I'm only looking on my phone but they look fine will have another look when I get home


----------



## limr (Sep 4, 2014)

The screen on my netbook is not large, but it's bigger than a cell phone, and at this size, they don't look grainy to me, either. Like Gary, I'll try again on a bigger screen later.


----------



## cgw (Sep 4, 2014)

Too many variables in play for a definitive answer. I can say grain has never been an issue for me with fresh Portra 160 in 35mm or 120. Culprits could be underexposure(iffy meter accuracy?) and/or sloppy development.  Try another lab?


----------



## cedric07 (Sep 4, 2014)

Thanks!
Another example where its maybe more visible (attached).


----------



## AlanKlein (Sep 4, 2014)

They look OK to me but it's hard to tell when you look at an image that was reduced in size.  If you're getting what appears to be "grain" I'd say it's the processing or scanning.  Try another roll and use a different lab and compare.


----------



## SoulfulRecover (Sep 4, 2014)

you would have to link these from a site like flickr that will allow full resolution viewing. From here it looks perfectly fine. If it is too grainy for your liking, you can reduce the grain in photoshop. From my personal experiences, I have found that Portra 160 has quite a bit more noise than their Ektar 100. I have yet to decide which is my favorite yet but so far I am leaning towards the Ektar.

I have also noticed that when I scan the images myself, there is less grain as well. So its kind of up in the air as to where its coming from. Like other have said try another roll but have it developed and scanned else where.

maybe I should start a scanning business  :mrgreen:


----------



## cedric07 (Sep 4, 2014)

You're right. Here is a screenshot of one of the pictures, not reduced in size but with a 100% zoom.


----------



## limr (Sep 4, 2014)

Yeah, that shows it a bit more clearly. What photo editing software do you have? I've sometimes gotten what looks like grain but it gets better when I run a digital noise reduction or jpeg artifact reduction filter on the image. You could try having them rescanned at a higher resolution to see if it's really grain from the film or noise from the scanning.


----------



## Derrel (Sep 4, 2014)

It's color negative film. There **is** grain....millions and millions and millions of particles, creating the image. Grain is most noticeable in *UNDER-exposed areas*, like the corner area in the photo with the stacked chairs; See on the wall, where the light level drops and the exposure in "under"? THJAT is about the only place where the grain shows up in these small captures when seen on-screen. Portra 160 is a fairly fine-grained film, if it is exposed properly, or even over-exposed a bit. I've shot it myself. It's a great color negative film, but it DOES like to be exposed fore the shadows, not for the highlights, which is fundamentally the opposite way one meters for color slide film, and to a large extent, digital capture.

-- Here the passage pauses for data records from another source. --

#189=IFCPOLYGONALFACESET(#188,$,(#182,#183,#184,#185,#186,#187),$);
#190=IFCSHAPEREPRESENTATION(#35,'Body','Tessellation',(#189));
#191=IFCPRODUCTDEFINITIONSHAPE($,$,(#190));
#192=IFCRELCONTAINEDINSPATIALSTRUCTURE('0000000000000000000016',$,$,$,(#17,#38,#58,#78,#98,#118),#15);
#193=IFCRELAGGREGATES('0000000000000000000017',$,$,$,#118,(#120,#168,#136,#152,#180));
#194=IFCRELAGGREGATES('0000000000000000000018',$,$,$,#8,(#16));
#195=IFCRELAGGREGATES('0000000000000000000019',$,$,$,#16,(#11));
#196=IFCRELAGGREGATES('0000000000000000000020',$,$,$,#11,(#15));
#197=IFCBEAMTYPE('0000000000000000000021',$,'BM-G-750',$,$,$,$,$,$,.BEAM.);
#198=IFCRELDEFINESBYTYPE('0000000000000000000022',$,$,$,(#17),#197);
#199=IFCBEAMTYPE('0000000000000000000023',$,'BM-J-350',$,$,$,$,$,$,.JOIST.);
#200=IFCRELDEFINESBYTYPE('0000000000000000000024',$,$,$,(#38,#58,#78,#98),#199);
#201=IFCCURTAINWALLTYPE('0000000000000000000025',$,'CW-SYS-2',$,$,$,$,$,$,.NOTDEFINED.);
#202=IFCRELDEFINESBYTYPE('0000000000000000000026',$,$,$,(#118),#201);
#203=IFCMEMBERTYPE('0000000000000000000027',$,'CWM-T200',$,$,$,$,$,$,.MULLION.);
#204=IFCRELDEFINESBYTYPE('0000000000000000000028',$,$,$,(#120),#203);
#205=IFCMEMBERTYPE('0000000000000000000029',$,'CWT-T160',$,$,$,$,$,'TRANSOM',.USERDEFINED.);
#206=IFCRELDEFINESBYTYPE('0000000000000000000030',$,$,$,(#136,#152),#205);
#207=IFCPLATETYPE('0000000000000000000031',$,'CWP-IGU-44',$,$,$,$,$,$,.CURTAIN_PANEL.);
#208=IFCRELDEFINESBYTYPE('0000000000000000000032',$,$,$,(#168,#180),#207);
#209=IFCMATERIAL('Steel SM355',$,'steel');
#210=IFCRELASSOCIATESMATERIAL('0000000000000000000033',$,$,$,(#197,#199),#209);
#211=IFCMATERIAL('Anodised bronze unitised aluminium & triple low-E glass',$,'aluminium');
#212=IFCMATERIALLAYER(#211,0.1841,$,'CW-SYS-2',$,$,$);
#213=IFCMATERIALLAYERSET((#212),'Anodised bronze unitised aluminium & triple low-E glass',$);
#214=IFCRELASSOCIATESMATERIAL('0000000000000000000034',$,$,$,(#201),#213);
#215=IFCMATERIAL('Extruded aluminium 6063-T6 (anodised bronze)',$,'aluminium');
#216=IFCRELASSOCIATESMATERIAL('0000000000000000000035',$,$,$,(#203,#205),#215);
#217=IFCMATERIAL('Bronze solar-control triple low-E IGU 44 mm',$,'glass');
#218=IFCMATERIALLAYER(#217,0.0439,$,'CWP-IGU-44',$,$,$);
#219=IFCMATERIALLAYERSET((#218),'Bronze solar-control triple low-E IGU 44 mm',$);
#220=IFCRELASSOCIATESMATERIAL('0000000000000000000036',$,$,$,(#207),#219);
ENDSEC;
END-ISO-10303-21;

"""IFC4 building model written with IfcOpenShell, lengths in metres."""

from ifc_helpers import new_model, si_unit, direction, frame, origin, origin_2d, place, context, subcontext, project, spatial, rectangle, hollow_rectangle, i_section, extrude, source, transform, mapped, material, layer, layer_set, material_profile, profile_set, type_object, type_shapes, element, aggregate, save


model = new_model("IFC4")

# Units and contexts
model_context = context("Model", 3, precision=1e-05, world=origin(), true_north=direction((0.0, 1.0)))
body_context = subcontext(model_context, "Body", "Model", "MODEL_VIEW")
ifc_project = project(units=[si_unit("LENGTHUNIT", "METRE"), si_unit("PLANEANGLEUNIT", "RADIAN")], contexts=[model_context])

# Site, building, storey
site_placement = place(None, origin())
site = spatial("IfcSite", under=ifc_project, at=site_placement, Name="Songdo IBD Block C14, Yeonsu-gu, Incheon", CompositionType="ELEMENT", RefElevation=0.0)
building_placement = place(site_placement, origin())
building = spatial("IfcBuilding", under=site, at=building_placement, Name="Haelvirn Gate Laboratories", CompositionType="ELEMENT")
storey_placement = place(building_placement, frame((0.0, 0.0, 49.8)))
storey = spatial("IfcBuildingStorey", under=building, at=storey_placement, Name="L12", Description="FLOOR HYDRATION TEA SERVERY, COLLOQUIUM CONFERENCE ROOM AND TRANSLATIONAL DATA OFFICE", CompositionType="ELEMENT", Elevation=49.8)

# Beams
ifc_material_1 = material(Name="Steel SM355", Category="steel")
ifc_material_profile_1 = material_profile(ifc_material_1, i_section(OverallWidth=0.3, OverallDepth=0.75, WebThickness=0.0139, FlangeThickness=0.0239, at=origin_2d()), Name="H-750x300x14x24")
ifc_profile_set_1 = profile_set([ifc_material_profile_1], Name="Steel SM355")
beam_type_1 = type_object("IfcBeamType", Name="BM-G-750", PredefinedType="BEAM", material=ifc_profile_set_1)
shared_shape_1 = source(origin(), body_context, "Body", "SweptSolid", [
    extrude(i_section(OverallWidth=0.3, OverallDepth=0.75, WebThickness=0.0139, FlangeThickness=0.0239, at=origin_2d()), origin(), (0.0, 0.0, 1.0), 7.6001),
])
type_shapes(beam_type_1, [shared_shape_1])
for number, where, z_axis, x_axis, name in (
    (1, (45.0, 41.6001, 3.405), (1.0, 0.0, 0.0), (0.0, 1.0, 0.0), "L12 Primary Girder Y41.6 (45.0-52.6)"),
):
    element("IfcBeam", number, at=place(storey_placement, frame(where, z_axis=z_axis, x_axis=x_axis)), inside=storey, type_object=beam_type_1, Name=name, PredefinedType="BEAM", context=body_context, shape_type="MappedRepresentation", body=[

See the colored nature of the grain in the shot in post #8? The COLORATION shows me that you under-exposed the shot, and the lab made the best print it could from your under-exposed negative. The more you under-expose color negative film, the worse the images look. Try setting the ISO dial to 100, instead of 160; that alone will favor the shadows zones by 2/3 of a stop. Deliberately OVER-exposing modern, high-grade color negative materials actually leads to better images, and this has been a standard operating procedure for decades, to deliberately over-expose from the baseline when shooting color negative stock for prints.


----------



## Josh66 (Sep 4, 2014)

Derrel said:


> See the colored nature of the grain in the shot in post #8? The COLORATION shows me that you under-exposed the shot, and the lab made the best print it could from your under-exposed negative. The more you under-expose color negative film, the worse the images look. Try setting the ISO dial to 100, instead of 160; that alone will favor the shadows zones by 2/3 of a stop. Deliberately OVER-exposing modern, high-grade color negative materials actually leads to better images, and this has been a standard operating procedure for decades, to deliberately over-expose from the baseline when shooting color negative stock for prints.


That's what I was thinking too - underexposure.

And, yeah, most color films can easily take a full stop of overexposure (set the ISO on the camera to half what the film is).  I haven't shot much Portra (I just have never really liked it much), but I've shot a ton of Fuji Pro 160, and I usually exposed that at an ISO of 80 or 100.
Anyway, I HAVE shot enough Portra to know that the grain is comparable to the Fuji Pro 160 films - at that stuff was very sharp and had very little grain.  I really have no clue why they chose to discontinue 160S - that was probably the best film they made...


----------



## cedric07 (Sep 5, 2014)

Thanks everyone that was very helpful!
Cedric


----------



## gsgary (Sep 5, 2014)

Peolple seem to like Porta 400 better


----------